Triploidy (69 chromosomes)
Tetraploidy (92 chromosomes)
Whole chromosome set versus individual chromosome
Diandry and digyny (paternal versus maternal extra set)
Dispermy and failed polar-body extrusion
Genomic imprinting and parental-origin effects
Physiological polyploidy in normal tissues

Mechanisms

Triploidy usually arises at fertilisation, either when two sperm fertilise one egg (dispermy) or when a diploid gamete is produced because a meiotic division failed, leaving an unreduced egg or sperm. The extra set is therefore either paternal in origin (diandric) or maternal (digynic), and the parental origin influences the developmental phenotype because of genomic imprinting — the differential expression of genes according to which parent they came from. Tetraploidy typically results from failure of cytokinesis after the first cell division, doubling the diploid set. Whereas aneuploidy unbalances the dosage of one chromosome, polyploidy adds an entire balanced set yet still profoundly disrupts human development; meanwhile, physiological polyploidy occurs normally in certain cell types such as hepatocytes and megakaryocytes.

Clinical relevance

Constitutional triploidy and tetraploidy are recognised chiefly through their role in early pregnancy loss and in pathology specimens; diandric triploidy is associated with partial molar changes of the placenta. This entry describes the concept and its biological basis for reference and evidence appraisal and does not provide diagnostic or management guidance.

Epidemiology

Polyploidy is a frequent cause of spontaneous abortion, with triploidy being the more common form among recognised pregnancies; constitutional polyploidy is essentially absent among surviving liveborns, the rare reported survivors typically being mosaic.
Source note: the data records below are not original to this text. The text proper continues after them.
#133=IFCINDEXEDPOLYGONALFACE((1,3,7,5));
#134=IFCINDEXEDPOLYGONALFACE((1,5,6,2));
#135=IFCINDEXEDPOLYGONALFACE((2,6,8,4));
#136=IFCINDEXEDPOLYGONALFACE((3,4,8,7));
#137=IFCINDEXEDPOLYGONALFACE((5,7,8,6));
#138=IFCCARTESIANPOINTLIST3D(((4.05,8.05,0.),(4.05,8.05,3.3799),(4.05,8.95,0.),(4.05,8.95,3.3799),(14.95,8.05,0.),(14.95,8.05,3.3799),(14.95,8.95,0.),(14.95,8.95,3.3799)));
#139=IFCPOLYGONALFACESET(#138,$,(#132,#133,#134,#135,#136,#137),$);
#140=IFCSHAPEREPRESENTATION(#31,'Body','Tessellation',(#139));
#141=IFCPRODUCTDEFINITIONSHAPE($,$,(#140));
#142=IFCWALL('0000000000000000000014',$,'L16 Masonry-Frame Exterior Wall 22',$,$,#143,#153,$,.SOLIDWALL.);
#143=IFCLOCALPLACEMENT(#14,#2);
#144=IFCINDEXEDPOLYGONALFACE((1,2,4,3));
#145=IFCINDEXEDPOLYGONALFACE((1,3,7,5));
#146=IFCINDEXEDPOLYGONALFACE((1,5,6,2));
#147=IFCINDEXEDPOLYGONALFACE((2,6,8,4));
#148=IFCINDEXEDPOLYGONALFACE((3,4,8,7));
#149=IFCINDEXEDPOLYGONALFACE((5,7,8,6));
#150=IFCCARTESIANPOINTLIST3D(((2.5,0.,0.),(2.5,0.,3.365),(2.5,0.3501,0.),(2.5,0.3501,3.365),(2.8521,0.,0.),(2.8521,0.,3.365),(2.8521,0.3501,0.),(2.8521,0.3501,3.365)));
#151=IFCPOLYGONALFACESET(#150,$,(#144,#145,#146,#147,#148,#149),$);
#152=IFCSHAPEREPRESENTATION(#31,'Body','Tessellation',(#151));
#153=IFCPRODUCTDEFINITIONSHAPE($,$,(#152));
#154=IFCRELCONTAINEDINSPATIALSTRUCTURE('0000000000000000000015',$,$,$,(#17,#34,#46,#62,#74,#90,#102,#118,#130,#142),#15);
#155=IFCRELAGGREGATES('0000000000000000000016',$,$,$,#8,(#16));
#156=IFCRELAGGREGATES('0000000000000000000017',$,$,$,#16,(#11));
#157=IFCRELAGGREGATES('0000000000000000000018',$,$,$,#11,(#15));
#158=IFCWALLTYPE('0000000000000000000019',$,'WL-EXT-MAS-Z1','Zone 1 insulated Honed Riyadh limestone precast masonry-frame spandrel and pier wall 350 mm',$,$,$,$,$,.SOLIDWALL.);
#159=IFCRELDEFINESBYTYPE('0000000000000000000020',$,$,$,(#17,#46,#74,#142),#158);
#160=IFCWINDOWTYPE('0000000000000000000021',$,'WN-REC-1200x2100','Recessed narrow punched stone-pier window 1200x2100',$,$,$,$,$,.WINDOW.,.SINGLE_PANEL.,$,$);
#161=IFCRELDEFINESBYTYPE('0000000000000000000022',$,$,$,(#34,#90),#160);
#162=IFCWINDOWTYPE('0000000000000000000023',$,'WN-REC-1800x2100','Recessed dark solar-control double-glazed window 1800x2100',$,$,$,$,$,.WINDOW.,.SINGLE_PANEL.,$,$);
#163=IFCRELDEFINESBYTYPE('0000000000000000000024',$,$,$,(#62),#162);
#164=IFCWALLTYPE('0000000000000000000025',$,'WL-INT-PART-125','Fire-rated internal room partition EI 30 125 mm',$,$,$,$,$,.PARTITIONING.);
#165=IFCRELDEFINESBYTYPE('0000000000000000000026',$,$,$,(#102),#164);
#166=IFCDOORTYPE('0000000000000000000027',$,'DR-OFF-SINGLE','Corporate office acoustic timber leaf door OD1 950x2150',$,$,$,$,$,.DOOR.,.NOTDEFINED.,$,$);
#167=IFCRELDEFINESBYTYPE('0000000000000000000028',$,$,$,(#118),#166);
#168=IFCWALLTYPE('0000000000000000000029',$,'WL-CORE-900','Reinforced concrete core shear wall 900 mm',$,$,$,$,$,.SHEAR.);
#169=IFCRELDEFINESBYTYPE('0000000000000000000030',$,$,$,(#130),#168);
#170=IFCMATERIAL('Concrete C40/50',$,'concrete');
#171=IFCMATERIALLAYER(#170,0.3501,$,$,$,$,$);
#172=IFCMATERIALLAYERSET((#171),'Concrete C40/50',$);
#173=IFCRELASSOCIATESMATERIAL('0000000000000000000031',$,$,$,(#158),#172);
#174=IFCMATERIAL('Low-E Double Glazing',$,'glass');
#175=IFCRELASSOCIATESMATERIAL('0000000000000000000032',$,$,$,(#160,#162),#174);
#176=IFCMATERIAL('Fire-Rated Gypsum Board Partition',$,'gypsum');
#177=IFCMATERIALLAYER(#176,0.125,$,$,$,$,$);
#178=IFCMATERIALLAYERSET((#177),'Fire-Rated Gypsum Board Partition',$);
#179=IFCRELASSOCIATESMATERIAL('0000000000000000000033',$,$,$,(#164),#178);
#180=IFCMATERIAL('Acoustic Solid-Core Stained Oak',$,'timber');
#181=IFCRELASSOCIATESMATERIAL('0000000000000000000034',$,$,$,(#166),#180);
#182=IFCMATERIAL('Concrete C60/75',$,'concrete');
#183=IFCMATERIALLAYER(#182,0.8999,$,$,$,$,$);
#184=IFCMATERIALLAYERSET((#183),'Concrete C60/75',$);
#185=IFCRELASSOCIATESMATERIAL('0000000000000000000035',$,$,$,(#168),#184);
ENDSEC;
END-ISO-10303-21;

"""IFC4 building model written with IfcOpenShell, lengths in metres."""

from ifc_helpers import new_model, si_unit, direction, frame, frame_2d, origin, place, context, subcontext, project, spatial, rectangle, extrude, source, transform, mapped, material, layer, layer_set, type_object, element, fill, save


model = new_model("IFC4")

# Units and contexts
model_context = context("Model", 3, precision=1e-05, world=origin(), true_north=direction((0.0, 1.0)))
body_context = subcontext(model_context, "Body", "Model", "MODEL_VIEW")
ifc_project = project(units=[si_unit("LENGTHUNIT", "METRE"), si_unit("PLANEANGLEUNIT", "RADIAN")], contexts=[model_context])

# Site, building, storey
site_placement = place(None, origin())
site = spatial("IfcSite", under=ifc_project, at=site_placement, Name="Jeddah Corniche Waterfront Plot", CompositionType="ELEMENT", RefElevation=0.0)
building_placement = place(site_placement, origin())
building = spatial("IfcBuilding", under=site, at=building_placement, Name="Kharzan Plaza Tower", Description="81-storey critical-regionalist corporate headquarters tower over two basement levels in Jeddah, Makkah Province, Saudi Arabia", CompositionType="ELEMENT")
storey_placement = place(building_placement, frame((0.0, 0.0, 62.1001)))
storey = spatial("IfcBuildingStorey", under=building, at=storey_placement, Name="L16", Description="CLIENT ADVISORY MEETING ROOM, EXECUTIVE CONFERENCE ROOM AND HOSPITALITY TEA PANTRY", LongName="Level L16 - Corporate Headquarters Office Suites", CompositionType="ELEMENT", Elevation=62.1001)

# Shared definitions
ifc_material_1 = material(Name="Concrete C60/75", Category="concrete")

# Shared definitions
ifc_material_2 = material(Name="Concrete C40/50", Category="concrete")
The relative frequency of diandric versus digynic triploidy and its association with placental phenotype have been characterised in studies of the parental and meiotic origin of triploid conceptions.

History

Once human chromosomes could be counted reliably from the late 1950s, triploid and tetraploid karyotypes were soon recognised among spontaneous abortions, establishing whole-set anomalies as a major cause of pregnancy loss. Later work used DNA polymorphisms to determine the parental origin of the extra set and linked diandric and digynic triploidy to distinct placental and fetal phenotypes, connecting polyploidy to the broader study of genomic imprinting.

Key figures

Dorothy Warburton
Deborah McFadden
Terry Hassold

Seminal works

mcfadden-langlois-2000
hassold-hunt-2001

Frequently asked questions

What is the difference between polyploidy and trisomy?: Trisomy is the gain of a single chromosome (one extra copy of one chromosome), whereas polyploidy is the gain of one or more complete chromosome sets, such as triploidy with 69 chromosomes instead of 46.
Is polyploidy ever normal in human cells?: Yes. Although a polyploid karyotype is not viable for a whole person, certain specialised cell types, such as some liver cells and the platelet-producing megakaryocytes, are normally polyploid as part of their function.